Friday 25 September 2009
It is dark, bleak and cold this morning. Par for the course though by the time I hit London it should be radiant and sunny. For now though I will have to shiver.
Relieved it is Friday I pull myself together and head to the station with gusto with the kind of mindset of the sooner I start the sooner I finish.
When I arrive at the station Son Of Computer Fag is already there waiting for the train carrying a suicide bomber sized rucksack on his back. This guy is geek nerd aggro incarnate.
Also at the platform lingering is a man in a white t-shirt looking scruffy and lost. He then asks a lady eating a chocolate bar if she has “ever been to India?” Shocked I find I cannot believe what I have just heard so the guy gets my full attention. What the fuck is he doing? Is this the latest method for nutters to try and pull birds? Is this their best new line? I give him evils as he toddles off to the other end of the platform being a nuisance and annoying other commuters/extras with the same question. Who let this guy loose on our platform?
Today is payday. I guess the Tuesday Thursday Blur is at least good for something as it gives off the illusion of weeks being shorter and pay days arriving sooner/quicker. Slowly I am building up a decent amount of reserves in my bank, for the first time I am beginning to feel I have some kind of financial security and possibly even something heading towards a mortgage deposit for a decent place. Oh ladies they’re missing out on my riches.
After a boring journey the train eventually pulls into Liverpool Street at 8AM, serving as a timely acknowledgment that I did not imagine the “good old days” of the train being on time.
With The Consultant due in this afternoon the early part of the day is spent preparing for his visit. However as the day pans out we get no word from him or his movements.
That said after yesterday returning home to that angry letter from my accountancy body threatening to remove me from their list of members I have to turn one towards filling in my CPD (continued professional development) forms. I guess they were supposed to have been lodged back in January.
I screw through the morning and appear to only achieve getting halfway with everything.
For lunch I have parmesan chicken in breadcrumbs with linguini. It works for me. When I pop downstairs to collect our food Ewan McGregor is sat in the restaurant in a funny hat. I am genuinely star struck and impressed. I would like to high five him but I don’t.
In the afternoon we wait in anticipation of The Consultant’s arrival and as the hours tick by and get later we begin to debate “surely he isn’t going to turn up this late?” Getting a head start on proceedings my boss comes into our room and begins reviewing the purchase ledger with us.
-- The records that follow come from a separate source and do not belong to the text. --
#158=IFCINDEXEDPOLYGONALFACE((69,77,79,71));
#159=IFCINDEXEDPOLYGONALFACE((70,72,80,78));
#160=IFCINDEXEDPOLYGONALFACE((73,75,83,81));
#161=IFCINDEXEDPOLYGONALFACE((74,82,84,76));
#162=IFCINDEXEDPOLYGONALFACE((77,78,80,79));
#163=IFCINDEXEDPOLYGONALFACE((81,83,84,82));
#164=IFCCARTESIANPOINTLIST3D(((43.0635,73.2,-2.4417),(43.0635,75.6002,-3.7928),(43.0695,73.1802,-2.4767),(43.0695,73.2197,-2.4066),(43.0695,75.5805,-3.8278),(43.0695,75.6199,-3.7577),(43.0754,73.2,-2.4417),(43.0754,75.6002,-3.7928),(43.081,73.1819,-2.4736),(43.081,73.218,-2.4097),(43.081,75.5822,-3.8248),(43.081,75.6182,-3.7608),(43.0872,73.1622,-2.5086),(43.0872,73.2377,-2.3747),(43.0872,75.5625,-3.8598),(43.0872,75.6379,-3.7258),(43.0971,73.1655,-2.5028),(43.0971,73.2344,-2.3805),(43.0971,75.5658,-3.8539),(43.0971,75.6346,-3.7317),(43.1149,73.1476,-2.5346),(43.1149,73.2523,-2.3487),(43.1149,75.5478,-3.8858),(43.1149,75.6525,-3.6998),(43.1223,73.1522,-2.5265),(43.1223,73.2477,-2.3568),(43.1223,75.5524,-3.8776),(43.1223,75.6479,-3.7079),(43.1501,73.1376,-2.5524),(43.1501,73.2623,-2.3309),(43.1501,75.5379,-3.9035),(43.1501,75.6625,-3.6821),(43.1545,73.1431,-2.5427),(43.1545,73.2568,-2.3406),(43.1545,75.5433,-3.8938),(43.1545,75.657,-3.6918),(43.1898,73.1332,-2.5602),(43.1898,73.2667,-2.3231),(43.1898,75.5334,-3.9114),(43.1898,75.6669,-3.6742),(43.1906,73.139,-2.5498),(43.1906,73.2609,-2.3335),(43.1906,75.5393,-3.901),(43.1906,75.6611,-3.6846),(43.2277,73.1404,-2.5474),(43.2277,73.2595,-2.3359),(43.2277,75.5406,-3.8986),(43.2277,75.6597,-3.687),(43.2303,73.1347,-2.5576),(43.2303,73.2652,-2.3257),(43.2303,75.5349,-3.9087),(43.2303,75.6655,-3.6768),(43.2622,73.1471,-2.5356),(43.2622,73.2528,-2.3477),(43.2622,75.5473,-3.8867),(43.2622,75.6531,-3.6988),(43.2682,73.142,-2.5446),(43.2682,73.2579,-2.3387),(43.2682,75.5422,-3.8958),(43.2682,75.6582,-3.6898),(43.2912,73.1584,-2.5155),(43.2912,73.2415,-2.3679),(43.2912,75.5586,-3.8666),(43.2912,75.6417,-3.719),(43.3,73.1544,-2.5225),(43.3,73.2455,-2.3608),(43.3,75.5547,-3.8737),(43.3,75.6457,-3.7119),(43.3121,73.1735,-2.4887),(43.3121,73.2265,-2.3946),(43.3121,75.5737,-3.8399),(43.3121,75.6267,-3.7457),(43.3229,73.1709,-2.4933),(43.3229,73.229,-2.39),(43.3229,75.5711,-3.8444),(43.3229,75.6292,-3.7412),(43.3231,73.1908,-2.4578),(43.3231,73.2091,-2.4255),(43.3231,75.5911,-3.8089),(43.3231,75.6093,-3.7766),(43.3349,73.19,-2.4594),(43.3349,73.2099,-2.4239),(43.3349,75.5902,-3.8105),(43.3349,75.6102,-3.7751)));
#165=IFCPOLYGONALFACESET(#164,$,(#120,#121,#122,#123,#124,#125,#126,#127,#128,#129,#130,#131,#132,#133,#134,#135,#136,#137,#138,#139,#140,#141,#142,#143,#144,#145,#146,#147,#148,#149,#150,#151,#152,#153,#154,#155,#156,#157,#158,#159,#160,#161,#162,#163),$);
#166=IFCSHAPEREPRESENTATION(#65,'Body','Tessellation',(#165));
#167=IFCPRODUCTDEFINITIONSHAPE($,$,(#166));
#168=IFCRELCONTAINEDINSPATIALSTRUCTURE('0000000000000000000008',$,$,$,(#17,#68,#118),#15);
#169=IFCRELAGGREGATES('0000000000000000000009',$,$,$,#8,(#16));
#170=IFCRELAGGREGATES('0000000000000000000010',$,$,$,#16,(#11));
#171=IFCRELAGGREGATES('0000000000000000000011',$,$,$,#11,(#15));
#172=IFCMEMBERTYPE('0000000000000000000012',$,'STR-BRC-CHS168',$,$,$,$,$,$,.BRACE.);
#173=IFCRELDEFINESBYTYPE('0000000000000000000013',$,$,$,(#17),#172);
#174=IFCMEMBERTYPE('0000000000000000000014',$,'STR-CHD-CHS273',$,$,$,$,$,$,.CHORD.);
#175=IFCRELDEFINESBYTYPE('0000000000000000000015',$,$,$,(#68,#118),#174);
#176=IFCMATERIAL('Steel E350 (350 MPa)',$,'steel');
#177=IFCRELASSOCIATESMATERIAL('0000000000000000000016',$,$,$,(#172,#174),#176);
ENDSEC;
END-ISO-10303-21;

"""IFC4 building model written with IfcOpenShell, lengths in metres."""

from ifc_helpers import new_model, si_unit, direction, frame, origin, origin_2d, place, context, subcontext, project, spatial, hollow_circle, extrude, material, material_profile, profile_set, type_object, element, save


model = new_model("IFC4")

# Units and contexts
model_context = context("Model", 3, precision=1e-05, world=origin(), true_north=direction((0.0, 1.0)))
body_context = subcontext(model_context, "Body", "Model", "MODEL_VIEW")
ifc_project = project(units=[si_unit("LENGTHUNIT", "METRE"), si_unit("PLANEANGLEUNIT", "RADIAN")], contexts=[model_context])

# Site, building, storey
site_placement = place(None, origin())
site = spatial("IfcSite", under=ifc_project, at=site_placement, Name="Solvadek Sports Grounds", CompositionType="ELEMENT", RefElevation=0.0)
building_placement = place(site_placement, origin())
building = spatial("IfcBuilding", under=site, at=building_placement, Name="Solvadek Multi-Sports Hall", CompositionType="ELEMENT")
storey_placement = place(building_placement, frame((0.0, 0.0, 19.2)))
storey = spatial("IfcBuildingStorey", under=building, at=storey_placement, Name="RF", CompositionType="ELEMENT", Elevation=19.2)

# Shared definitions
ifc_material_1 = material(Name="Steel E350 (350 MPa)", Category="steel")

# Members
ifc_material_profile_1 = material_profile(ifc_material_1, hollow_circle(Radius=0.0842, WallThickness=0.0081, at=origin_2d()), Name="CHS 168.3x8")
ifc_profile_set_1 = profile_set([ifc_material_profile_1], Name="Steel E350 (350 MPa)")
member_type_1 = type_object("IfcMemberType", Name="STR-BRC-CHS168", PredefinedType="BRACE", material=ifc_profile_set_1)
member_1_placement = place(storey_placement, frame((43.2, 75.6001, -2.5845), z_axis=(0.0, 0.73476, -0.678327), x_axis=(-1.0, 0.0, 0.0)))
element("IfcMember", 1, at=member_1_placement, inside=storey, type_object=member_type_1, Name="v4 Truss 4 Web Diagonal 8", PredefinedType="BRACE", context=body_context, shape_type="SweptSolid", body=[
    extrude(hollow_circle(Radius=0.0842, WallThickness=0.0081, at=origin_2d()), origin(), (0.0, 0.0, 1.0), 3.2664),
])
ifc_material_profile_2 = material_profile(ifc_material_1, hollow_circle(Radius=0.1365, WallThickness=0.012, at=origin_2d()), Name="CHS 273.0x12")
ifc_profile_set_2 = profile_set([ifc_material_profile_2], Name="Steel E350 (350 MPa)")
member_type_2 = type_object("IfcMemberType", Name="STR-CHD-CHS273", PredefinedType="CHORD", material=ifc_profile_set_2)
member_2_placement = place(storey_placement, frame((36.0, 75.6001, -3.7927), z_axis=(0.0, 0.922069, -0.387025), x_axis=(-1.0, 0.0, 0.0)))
Together we work really well as a team and it is actually fun as the state of the accounts on the whole looks fairly OK, a fact later confirmed when the boss says to us that the ledger is in the best state/condition it has ever been in. After a tough week of busy week and not being very productive this is a very reassuring nod to receive.
Ultimately The Consultant does not turn up. God only knows where he gets to as it feels like we have been stood up by a date after all our waiting around for him. Late in the afternoon around 4PM I get a strange email from him requesting a couple of adjustments regarding depreciation and that is it.
As we all leave for the weekend spirits are high until I inform my boss that I am off on Monday. Suddenly coupled with The Consultant’s no show today this knocks things back even further. It is frustrating all over.
Leaving London this evening is to a beautiful sight, a truly glorious Friday evening. With hindsight I should have felt some remorse at not having anywhere to go but it only hit me as a delayed reaction as to be honest I felt exhausted and fatigued for the evening. Realistically though where at these times are my friends who I go to gigs and other events with? Why can’t I snag a casual social life of just meeting up in groups and hitting pubs and restaurants with a regularity to breed familiarity. This is in England I swear is the only way to meet people and partners. We do not date we just couple off. So with this in mind I can’t help but feel doomed.
By the time I get from St Johns Wood to Liverpool Street I feel I am struggling to function. Arrival at Liverpool Street just before 6PM is greeted with the news that there is a delay in the trains due to signal problems in the Shenfield area.
I end up boarding the 6PM Friday train which is pretty much known as “the Sarah train” these days as this is the train where I bump into her majesty. Tonight as I board the train I brace myself for an accidental on purpose crossing of paths with Sarah. As I snag a decent seat however I feel I escape her glaring wrath.
The train gets held up by signal problems at Shenfield and later again outside Hatfield Peveral making it one agonising journey home as I just want to get the weekend started and the working week finished.
Eventually the train gets home but it’s not without casualty, tonight being my mood. As I slump on my parents’ sofa in a grumpy state there is a little person in Walford and suddenly I begin to questions whether I am watching Eastenders or Time Bandits.
Not long after this I head home to an empty flat and another wasted Friday night stuck home alone. TV almost lets me down but eventually Peep Show, IT Crowd and The Inbetweeners come along to save the day and send me to sleep. There should more to existence than this.